Claim to fame? Former Hillel Eboard member, sister of Sigma Delta Tau, Columbia cheerleader, self-proclaimed food studies major. Hosted Greek Beats this year. Won second place in last year’s Erotic Cake Competition.
Where are you going? To live with my parents in Jerz
Three things you learned at Columbia:
- you CAN go all of college without pulling an all-nighter
- befriending security guards and food service staff will enable you to survive college without a student ID
- talking about how busy and stressed you are is a guaranteed way to make everyone hate you. You can get work done without talking about.
Back in my day… Barnard students could have whoever they wanted to sleep over without magazines writing about the administration regulating students’ sex lives, more fraternities had brownstones than EC townhouses, dining halls didn’t tell you the nutritional information of their food, you didn’t need invitations to frat parties.
Justify your existence in 30 words or fewer: I went to cheer tryouts a year ago with only a smile and a cartwheel. I proved a Jewish girl with a dream can make it come true if you allow yourself to be vulnerable.
Write a CU Admirers post to anyone or anything at Columbia: Columbia lawns, thank you for providing me with a wonderful space to hear Snoop Dog/Lion and Macklemore, dance at the Red Bull Truck, smoke hookah, check out the topless track team, eat lunch, play football at 4 am, write final papers, and of course, get a tan. When one of you has a red flag, another has a green flag. I will always treasure the memories I made with you.
Would you rather give up oral sex or cheese? My friend told me this will be googleable so I’ll use this as an opportunity to tell you the best way to eat cheese: in your bed (shout out to Liz Lemon and her Night Cheese).
One thing to do before graduating: ask your professor for an extension. They usually say yes.

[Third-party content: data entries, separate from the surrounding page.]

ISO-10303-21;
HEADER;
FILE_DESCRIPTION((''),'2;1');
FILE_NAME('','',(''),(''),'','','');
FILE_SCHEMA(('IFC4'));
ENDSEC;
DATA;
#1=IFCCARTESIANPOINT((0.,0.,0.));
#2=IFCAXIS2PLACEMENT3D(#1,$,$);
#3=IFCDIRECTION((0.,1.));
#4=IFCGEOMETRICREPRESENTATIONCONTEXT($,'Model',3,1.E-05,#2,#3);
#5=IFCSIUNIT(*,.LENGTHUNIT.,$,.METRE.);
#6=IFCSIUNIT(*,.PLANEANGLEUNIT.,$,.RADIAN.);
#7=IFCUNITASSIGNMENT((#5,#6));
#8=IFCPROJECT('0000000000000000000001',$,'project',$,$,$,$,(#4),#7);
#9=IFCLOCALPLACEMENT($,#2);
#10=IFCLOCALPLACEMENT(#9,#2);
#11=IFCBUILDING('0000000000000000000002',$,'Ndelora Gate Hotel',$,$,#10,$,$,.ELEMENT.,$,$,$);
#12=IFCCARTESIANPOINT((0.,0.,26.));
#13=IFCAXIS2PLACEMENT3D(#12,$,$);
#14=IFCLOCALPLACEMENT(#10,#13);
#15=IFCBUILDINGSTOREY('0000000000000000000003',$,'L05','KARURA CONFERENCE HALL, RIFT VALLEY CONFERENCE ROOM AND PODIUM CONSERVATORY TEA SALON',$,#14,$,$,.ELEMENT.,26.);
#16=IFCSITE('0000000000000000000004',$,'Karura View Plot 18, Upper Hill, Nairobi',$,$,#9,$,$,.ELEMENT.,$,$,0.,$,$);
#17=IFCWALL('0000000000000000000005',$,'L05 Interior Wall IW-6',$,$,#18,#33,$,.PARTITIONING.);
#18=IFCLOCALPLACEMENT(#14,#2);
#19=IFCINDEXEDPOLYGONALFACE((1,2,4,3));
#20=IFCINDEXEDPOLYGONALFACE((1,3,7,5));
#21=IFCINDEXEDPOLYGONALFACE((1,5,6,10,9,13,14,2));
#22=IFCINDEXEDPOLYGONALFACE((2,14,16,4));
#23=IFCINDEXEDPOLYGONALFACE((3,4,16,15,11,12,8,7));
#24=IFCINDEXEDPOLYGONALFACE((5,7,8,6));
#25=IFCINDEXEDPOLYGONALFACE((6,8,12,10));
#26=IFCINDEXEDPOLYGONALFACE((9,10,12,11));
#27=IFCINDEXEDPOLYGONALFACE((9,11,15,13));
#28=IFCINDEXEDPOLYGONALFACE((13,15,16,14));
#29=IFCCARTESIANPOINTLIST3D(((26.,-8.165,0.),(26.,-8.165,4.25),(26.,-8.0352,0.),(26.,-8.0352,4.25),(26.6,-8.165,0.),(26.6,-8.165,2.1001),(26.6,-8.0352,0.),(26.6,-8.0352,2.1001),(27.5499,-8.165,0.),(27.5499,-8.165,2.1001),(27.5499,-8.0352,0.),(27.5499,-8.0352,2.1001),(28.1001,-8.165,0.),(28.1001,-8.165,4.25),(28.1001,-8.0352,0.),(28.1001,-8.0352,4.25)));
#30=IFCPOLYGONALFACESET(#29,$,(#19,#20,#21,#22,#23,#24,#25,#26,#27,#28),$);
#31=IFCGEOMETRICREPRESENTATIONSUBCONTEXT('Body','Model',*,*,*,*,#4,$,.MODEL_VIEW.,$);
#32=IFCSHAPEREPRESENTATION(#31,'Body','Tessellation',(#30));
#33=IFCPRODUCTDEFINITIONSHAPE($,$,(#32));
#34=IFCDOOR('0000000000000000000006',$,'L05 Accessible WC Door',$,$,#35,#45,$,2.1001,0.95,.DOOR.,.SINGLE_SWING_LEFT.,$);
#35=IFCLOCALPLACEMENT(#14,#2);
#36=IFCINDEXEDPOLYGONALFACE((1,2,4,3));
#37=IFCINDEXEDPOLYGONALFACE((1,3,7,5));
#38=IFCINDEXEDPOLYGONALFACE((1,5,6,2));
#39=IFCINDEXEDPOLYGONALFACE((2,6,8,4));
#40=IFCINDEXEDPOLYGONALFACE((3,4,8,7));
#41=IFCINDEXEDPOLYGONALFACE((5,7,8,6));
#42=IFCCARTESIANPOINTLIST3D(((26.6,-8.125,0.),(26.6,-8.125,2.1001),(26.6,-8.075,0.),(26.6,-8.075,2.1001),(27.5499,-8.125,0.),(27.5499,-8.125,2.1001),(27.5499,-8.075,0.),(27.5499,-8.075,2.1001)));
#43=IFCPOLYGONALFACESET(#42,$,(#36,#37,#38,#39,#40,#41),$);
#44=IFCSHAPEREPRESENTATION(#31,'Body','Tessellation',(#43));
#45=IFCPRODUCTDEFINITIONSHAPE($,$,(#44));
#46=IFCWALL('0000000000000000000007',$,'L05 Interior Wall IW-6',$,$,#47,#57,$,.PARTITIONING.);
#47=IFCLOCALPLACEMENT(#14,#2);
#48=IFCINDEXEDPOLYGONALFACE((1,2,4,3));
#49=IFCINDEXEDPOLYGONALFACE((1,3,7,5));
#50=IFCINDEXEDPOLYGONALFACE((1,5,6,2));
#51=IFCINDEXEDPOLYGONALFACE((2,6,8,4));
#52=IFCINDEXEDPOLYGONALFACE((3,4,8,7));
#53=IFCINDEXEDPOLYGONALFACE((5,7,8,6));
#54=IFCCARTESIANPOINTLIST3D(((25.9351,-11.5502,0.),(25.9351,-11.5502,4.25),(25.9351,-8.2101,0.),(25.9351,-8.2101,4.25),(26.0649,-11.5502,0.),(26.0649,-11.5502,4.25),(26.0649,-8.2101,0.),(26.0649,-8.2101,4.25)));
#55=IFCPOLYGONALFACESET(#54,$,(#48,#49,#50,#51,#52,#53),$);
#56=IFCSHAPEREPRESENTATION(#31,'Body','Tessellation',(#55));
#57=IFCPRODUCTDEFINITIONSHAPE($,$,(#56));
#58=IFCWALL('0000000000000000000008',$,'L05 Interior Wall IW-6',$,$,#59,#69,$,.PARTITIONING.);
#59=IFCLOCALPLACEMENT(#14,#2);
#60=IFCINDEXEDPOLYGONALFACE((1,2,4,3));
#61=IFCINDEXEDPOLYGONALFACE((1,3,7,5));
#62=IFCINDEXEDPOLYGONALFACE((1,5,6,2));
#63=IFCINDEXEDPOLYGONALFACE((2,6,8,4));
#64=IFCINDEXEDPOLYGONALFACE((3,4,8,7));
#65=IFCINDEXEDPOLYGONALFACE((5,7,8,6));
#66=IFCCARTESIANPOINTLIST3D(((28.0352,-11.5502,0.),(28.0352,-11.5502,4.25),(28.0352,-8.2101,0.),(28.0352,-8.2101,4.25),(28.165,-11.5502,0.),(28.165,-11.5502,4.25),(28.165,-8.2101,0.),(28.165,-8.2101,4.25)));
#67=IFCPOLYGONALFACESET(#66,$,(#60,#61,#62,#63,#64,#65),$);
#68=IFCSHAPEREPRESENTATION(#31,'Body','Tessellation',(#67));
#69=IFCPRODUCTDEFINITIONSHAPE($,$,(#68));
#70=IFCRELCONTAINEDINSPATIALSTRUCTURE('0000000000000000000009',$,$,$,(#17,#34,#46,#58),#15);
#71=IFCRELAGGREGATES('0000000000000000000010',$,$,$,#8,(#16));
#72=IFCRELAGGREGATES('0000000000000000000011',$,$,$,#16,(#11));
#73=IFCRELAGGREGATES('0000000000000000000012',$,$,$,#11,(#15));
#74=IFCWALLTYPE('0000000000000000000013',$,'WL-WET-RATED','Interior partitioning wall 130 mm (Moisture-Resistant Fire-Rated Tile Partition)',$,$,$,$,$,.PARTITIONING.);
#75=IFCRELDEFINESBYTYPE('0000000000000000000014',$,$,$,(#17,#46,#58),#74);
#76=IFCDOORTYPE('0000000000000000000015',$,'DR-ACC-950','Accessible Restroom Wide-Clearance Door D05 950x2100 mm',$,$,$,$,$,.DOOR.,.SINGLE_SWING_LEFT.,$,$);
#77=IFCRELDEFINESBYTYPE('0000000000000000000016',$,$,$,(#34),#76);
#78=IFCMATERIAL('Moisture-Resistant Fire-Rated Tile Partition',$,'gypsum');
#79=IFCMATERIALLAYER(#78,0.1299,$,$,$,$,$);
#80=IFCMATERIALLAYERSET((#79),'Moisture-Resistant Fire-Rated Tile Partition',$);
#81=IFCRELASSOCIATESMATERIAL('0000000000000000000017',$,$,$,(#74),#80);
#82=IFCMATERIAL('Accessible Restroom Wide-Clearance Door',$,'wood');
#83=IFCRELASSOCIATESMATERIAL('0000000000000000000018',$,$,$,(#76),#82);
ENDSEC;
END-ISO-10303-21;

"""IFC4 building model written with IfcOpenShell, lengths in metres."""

from ifc_helpers import new_model, si_unit, direction, frame, frame_2d, origin, place, context, subcontext, project, spatial, rectangle, extrude, material, layer, layer_set, type_object, element, fill, save


model = new_model("IFC4")

# Units and contexts
model_context = context("Model", 3, precision=1e-05, world=origin(), true_north=direction((0.0, 1.0)))
body_context = subcontext(model_context, "Body", "Model", "MODEL_VIEW")
ifc_project = project(units=[si_unit("LENGTHUNIT", "METRE"), si_unit("PLANEANGLEUNIT", "RADIAN")], contexts=[model_context])

# Site, building, storey
site_placement = place(None, origin())
site = spatial("IfcSite", under=ifc_project, at=site_placement, Name="Karura View Plot 18, Upper Hill, Nairobi", CompositionType="ELEMENT", RefElevation=0.0)
building_placement = place(site_placement, origin())
building = spatial("IfcBuilding", under=site, at=building_placement, Name="Ndelora Gate Hotel", CompositionType="ELEMENT")
storey_placement = place(building_placement, frame((0.0, 0.0, 26.0)))
storey = spatial("IfcBuildingStorey", under=building, at=storey_placement, Name="L05", Description="KARURA CONFERENCE HALL, RIFT VALLEY CONFERENCE ROOM AND PODIUM CONSERVATORY TEA SALON", CompositionType="ELEMENT", Elevation=26.0)

# Wall, opening, door
ifc_material_1 = material(Name="Moisture-Resistant Fire-Rated Tile Partition", Category="gypsum")
ifc_layer_1 = layer(ifc_material_1, 0.1299)
ifc_layer_set_1 = layer_set([ifc_layer_1], Name="Moisture-Resistant Fire-Rated Tile Partition")
wall_type_1 = type_object("IfcWallType", Name="WL-WET-RATED", Description="Interior partitioning wall 130 mm (Moisture-Resistant Fire-Rated Tile Partition)", PredefinedType="PARTITIONING", material=ifc_layer_set_1)
ifc_material_2 = material(Name="Accessible Restroom Wide-Clearance Door", Category="wood")
door_type = type_object("IfcDoorType", Name="DR-ACC-950", Description="Accessible Restroom Wide-Clearance Door D05 950x2100 mm", OperationType="SINGLE_SWING_LEFT", PredefinedType="DOOR", material=ifc_material_2)
wall_1_placement = place(storey_placement, frame((28.1001, -8.1001, 0.0), z_axis=(0.0, 0.0, 1.0), x_axis=(-1.0, 0.0, 0.0)))
wall_1 = element("IfcWall", 1, at=wall_1_placement, inside=storey, type_object=wall_type_1, Name="L05 Interior Wall IW-6", PredefinedType="PARTITIONING", context=body_context, shape_type="SweptSolid", body=[
    extrude(rectangle(XDim=2.1001, YDim=0.1299, at=frame_2d((1.05, 0.0))), origin(), (0.0, 0.0, 1.0), 4.25),
])
opening_1_placement = place(wall_1_placement, frame((0.55, 0.0, 0.0)))
opening_1 = element("IfcOpeningElement", 2, at=opening_1_placement, cuts=wall_1, PredefinedType="OPENING", context=body_context, shape_type="SweptSolid", body=[
    extrude(rectangle(XDim=0.95, YDim=2.1001, at=frame_2d((0.4751, 1.05))), frame((0.0, 0.075, 0.0), z_axis=(0.0, -1.0, 0.0), x_axis=(1.0, 0.0, 0.0)), (0.0, 0.0, 1.0), 0.1499),
])
door_1_placement = place(opening_1_placement, origin())
door_1 = element("IfcDoor", 3, at=door_1_placement, inside=storey, type_object=door_type, Name="L05 Accessible WC Door", OperationType="SINGLE_SWING_LEFT", OverallHeight=2.1001, OverallWidth=0.95, PredefinedType="DOOR", context=body_context, shape_type="SweptSolid", body=[
    extrude(rectangle(XDim=0.95, YDim=2.1001, at=frame_2d((0.4751, 1.05))), frame((0.0, 0.0249, 0.0), z_axis=(0.0, -1.0, 0.0), x_axis=(1.0, 0.0, 0.0)), (0.0, 0.0, 1.0), 0.05),
])
fill(opening_1, door_1)

# Walls
for number, where, z_axis, x_axis, name in (
    (4, (26.0, -11.55, 0.0), (0.0, 0.0, 1.0), (0.0, 1.0, 0.0), "L05 Interior Wall IW-6"),
    (5, (28.1001, -11.55, 0.0), (0.0, 0.0, 1.0), (0.0, 1.0, 0.0), "L05 Interior Wall IW-6"),
):
    element("IfcWall", number, at=place(storey_placement, frame(where, z_axis=z_axis, x_axis=x_axis)), inside=storey, type_object=wall_type_1, Name=name, PredefinedType="PARTITIONING", context=body_context, shape_type="SweptSolid", body=[
        extrude(rectangle(XDim=3.3401, YDim=0.1299, at=frame_2d((1.6699, 0.0))), origin(), (0.0, 0.0, 1.0), 4.25),
    ])

save(model, "model.ifc")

Any regrets? Let’s see: the freshman 15, only taking African Dance twice, not spending more time in my sorority house, wasting time waiting for a machine at Dodge, laughing at my friends when they ask if I want to go for a run with them, not going to happy hour more, only JUST discovering the Diana cafe pizzas, not taking advantage of Barnard Career Development, only building one snowman in the last 4 years, never taking a picture with the magnolia tree on Lehman Lawn, and of course, NSOP week. Smh.